Henry remembered how his father had fulminated against the smooth Englishman who had proposed to turn Glendalough into a place like the Potteries or Wigan.
"But isn't there some middle course?" he said weakly. "Isn't there some way of getting at the minerals of Wicklow without making Glendalough a place like Wigan?"
"Not if the English have anything to do with it," Marsh answered. "I don't know what Wigan is like.... I suppose it's horrible ... but it's natural to Englishmen. They trail that sort of place behind them wherever they go. Slums and sickness and fat, rich men! If they had anything to do with developing Wicklow they'd make it stink!..."
"Well, I don't know," Henry said wearily, for he soon grew tired of arguments in which he was an unequal participator. "I like the English and I can't see any good in just hating them!"

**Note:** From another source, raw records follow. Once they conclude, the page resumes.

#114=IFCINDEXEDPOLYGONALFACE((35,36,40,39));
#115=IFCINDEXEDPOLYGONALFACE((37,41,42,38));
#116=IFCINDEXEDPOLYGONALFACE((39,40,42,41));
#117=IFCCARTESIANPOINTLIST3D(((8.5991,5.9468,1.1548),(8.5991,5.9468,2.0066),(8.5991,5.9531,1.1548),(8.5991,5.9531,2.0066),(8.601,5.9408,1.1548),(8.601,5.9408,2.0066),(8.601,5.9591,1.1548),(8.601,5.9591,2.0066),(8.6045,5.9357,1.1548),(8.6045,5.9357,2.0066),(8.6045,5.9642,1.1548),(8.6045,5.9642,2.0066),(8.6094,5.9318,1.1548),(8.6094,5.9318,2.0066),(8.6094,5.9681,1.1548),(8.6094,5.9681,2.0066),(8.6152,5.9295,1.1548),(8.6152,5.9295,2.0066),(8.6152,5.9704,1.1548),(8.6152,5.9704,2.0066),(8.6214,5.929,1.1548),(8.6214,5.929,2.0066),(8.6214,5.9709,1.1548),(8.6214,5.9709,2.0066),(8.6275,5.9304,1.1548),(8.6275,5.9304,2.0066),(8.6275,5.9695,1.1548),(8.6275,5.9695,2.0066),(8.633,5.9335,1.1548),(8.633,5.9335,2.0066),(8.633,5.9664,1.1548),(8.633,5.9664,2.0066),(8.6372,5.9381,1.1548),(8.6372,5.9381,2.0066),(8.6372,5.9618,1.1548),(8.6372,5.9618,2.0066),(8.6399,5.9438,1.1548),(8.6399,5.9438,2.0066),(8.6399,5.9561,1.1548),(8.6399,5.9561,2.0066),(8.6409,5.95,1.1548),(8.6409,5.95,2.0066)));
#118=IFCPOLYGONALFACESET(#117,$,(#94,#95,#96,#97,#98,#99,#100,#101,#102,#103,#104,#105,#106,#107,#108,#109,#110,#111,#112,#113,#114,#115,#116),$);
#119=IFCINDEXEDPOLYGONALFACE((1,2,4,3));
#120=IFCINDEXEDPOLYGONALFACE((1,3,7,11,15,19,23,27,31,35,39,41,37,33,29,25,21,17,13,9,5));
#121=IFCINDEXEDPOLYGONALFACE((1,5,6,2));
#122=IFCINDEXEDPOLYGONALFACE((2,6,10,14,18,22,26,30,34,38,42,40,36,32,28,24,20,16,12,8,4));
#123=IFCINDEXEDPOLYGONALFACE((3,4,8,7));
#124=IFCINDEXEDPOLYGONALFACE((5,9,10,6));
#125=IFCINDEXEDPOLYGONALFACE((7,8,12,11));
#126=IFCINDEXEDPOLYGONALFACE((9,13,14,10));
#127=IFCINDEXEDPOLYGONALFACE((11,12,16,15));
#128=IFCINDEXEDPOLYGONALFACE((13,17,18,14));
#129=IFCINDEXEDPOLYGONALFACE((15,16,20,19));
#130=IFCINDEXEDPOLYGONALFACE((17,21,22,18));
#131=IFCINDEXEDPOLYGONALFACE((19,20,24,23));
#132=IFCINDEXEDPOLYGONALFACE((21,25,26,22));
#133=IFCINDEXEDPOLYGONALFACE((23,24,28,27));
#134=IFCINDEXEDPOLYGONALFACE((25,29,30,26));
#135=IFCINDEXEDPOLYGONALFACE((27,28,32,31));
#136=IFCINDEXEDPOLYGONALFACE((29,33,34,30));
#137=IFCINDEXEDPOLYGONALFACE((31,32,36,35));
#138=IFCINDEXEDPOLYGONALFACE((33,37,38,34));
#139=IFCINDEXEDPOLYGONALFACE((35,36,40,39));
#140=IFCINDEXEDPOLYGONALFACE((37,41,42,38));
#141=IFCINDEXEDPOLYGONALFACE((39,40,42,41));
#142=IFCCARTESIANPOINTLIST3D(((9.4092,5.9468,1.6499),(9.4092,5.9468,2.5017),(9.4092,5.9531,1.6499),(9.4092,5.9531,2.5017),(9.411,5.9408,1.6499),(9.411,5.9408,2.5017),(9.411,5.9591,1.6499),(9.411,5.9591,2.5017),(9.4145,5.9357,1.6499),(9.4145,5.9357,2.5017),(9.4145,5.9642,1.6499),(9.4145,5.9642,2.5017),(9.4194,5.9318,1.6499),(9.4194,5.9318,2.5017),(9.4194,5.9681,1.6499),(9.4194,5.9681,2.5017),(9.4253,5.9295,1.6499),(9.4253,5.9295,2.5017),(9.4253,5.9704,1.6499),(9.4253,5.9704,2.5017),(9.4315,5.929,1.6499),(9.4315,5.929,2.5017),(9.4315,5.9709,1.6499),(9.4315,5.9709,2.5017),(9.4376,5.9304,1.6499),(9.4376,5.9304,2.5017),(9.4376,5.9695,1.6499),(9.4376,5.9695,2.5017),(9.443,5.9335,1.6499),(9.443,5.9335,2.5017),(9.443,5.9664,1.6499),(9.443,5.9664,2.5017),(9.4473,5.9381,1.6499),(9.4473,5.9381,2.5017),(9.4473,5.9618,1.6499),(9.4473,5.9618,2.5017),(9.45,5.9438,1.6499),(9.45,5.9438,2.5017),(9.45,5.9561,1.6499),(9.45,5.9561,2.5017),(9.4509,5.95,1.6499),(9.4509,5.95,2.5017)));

"They found a decent, generous race in Ireland," Marsh exclaimed, "and they've turned it into a race of cadgers. Your father admits that. Ask him what he thinks of Arthur Balfour and his Congested Districts Board!..."

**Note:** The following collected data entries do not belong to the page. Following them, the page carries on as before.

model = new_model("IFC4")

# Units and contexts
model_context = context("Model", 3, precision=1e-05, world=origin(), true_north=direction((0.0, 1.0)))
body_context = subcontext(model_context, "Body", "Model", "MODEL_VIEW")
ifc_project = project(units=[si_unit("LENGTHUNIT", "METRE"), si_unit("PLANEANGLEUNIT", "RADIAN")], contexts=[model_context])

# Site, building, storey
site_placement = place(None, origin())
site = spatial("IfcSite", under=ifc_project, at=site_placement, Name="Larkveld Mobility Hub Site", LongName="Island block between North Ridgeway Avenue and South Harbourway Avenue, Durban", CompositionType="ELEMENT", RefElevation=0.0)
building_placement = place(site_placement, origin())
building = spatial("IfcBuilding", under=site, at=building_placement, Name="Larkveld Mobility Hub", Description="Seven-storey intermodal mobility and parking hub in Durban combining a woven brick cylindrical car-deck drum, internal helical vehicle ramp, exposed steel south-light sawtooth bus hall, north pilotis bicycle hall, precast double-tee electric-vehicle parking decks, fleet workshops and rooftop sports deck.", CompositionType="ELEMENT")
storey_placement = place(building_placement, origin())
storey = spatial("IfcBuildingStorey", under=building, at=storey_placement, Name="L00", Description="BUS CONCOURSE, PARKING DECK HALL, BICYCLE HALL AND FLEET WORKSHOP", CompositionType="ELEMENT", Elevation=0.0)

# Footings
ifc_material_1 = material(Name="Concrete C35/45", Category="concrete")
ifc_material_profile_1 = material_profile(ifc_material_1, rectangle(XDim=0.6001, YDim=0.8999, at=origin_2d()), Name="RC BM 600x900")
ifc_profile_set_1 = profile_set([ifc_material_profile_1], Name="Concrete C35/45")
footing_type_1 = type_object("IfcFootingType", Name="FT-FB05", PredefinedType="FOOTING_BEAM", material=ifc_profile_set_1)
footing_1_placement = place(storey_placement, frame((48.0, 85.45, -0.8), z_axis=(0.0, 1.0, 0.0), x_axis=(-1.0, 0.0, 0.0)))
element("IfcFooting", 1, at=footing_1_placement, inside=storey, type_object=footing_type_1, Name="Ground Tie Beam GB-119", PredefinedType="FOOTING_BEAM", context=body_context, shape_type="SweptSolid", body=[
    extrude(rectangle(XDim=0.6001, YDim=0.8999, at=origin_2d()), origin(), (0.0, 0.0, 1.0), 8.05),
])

They went back to the house, and as they went, they talked of books, and as they talked of books, Marsh's mind became assuaged. He had lately published a little volume of poems and he spoke of it to Henry in a shy fashion, though his eyes brightened and gleamed as he repeated something that Ernest Harper had said of them ... but then Ernest Harper always spoke kindly of the work of young, sincere men.

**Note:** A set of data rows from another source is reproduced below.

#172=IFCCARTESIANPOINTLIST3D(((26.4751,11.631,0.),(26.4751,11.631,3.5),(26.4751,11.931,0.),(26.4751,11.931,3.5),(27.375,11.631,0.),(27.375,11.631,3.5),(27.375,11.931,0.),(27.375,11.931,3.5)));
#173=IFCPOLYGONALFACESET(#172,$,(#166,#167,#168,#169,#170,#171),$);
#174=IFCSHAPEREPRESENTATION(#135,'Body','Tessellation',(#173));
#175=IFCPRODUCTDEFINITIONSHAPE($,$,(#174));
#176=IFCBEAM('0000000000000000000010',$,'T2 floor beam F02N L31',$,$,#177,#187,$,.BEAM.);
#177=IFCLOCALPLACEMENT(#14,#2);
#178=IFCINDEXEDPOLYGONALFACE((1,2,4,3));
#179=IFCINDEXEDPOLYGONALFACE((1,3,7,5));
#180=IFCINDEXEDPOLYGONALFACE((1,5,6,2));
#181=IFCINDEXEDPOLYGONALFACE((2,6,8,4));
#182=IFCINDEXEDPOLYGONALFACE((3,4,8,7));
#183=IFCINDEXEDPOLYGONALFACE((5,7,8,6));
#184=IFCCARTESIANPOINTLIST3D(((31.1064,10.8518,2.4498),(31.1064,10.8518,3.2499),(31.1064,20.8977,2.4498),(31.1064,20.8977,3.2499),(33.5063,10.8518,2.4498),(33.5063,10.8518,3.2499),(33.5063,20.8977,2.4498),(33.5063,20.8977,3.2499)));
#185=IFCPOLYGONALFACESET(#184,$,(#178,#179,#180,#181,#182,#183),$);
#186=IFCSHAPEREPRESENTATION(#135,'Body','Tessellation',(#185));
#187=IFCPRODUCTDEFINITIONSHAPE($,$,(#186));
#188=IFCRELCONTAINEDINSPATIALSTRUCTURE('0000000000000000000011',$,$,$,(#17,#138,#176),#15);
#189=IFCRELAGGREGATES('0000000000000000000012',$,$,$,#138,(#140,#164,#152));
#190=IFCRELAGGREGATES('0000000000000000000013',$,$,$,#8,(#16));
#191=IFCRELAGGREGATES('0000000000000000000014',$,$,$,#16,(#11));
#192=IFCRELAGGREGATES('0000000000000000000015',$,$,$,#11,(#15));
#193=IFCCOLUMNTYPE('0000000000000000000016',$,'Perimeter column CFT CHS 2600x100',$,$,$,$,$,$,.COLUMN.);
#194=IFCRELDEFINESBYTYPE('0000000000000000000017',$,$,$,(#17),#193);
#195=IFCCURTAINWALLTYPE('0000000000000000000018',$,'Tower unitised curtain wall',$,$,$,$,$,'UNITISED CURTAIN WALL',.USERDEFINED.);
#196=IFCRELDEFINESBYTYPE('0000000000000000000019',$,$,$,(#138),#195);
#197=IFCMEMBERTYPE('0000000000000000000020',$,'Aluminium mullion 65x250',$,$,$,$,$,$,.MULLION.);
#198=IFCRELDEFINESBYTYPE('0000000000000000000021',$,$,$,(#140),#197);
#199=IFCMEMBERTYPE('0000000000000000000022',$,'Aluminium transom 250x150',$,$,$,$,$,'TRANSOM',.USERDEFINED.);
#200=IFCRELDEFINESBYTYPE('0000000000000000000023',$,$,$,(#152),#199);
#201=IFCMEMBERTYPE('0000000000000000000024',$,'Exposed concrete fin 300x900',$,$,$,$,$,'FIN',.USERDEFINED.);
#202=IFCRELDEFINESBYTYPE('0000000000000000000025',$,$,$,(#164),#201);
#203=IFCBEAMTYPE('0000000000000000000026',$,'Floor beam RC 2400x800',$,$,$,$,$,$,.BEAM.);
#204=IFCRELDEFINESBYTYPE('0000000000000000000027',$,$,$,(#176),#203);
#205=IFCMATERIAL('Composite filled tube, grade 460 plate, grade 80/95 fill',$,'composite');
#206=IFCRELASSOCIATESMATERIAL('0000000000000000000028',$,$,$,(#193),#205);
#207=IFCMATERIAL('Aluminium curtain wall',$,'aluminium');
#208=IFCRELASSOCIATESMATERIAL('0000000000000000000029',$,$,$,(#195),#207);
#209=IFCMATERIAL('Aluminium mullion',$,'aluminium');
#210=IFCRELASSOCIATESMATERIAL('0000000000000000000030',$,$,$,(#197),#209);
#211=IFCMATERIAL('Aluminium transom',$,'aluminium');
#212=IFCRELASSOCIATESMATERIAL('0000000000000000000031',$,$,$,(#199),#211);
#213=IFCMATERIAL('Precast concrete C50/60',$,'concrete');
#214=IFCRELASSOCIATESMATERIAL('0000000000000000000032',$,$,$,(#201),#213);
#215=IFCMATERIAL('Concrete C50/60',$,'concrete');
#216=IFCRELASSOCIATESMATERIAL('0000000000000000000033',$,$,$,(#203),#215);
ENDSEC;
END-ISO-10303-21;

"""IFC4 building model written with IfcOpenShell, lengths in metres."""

"I'll give you a copy if you like," Marsh said to Henry.
"Oh, thank you!" Henry exclaimed. "I should love to have it. I suppose," he went on, "it's very exciting to have a book published."
"I cried when I first saw my book," Marsh answered very simply. "I suppose women do that when they first see their babies!..."
But Henry did not know what women do when they first see their babies.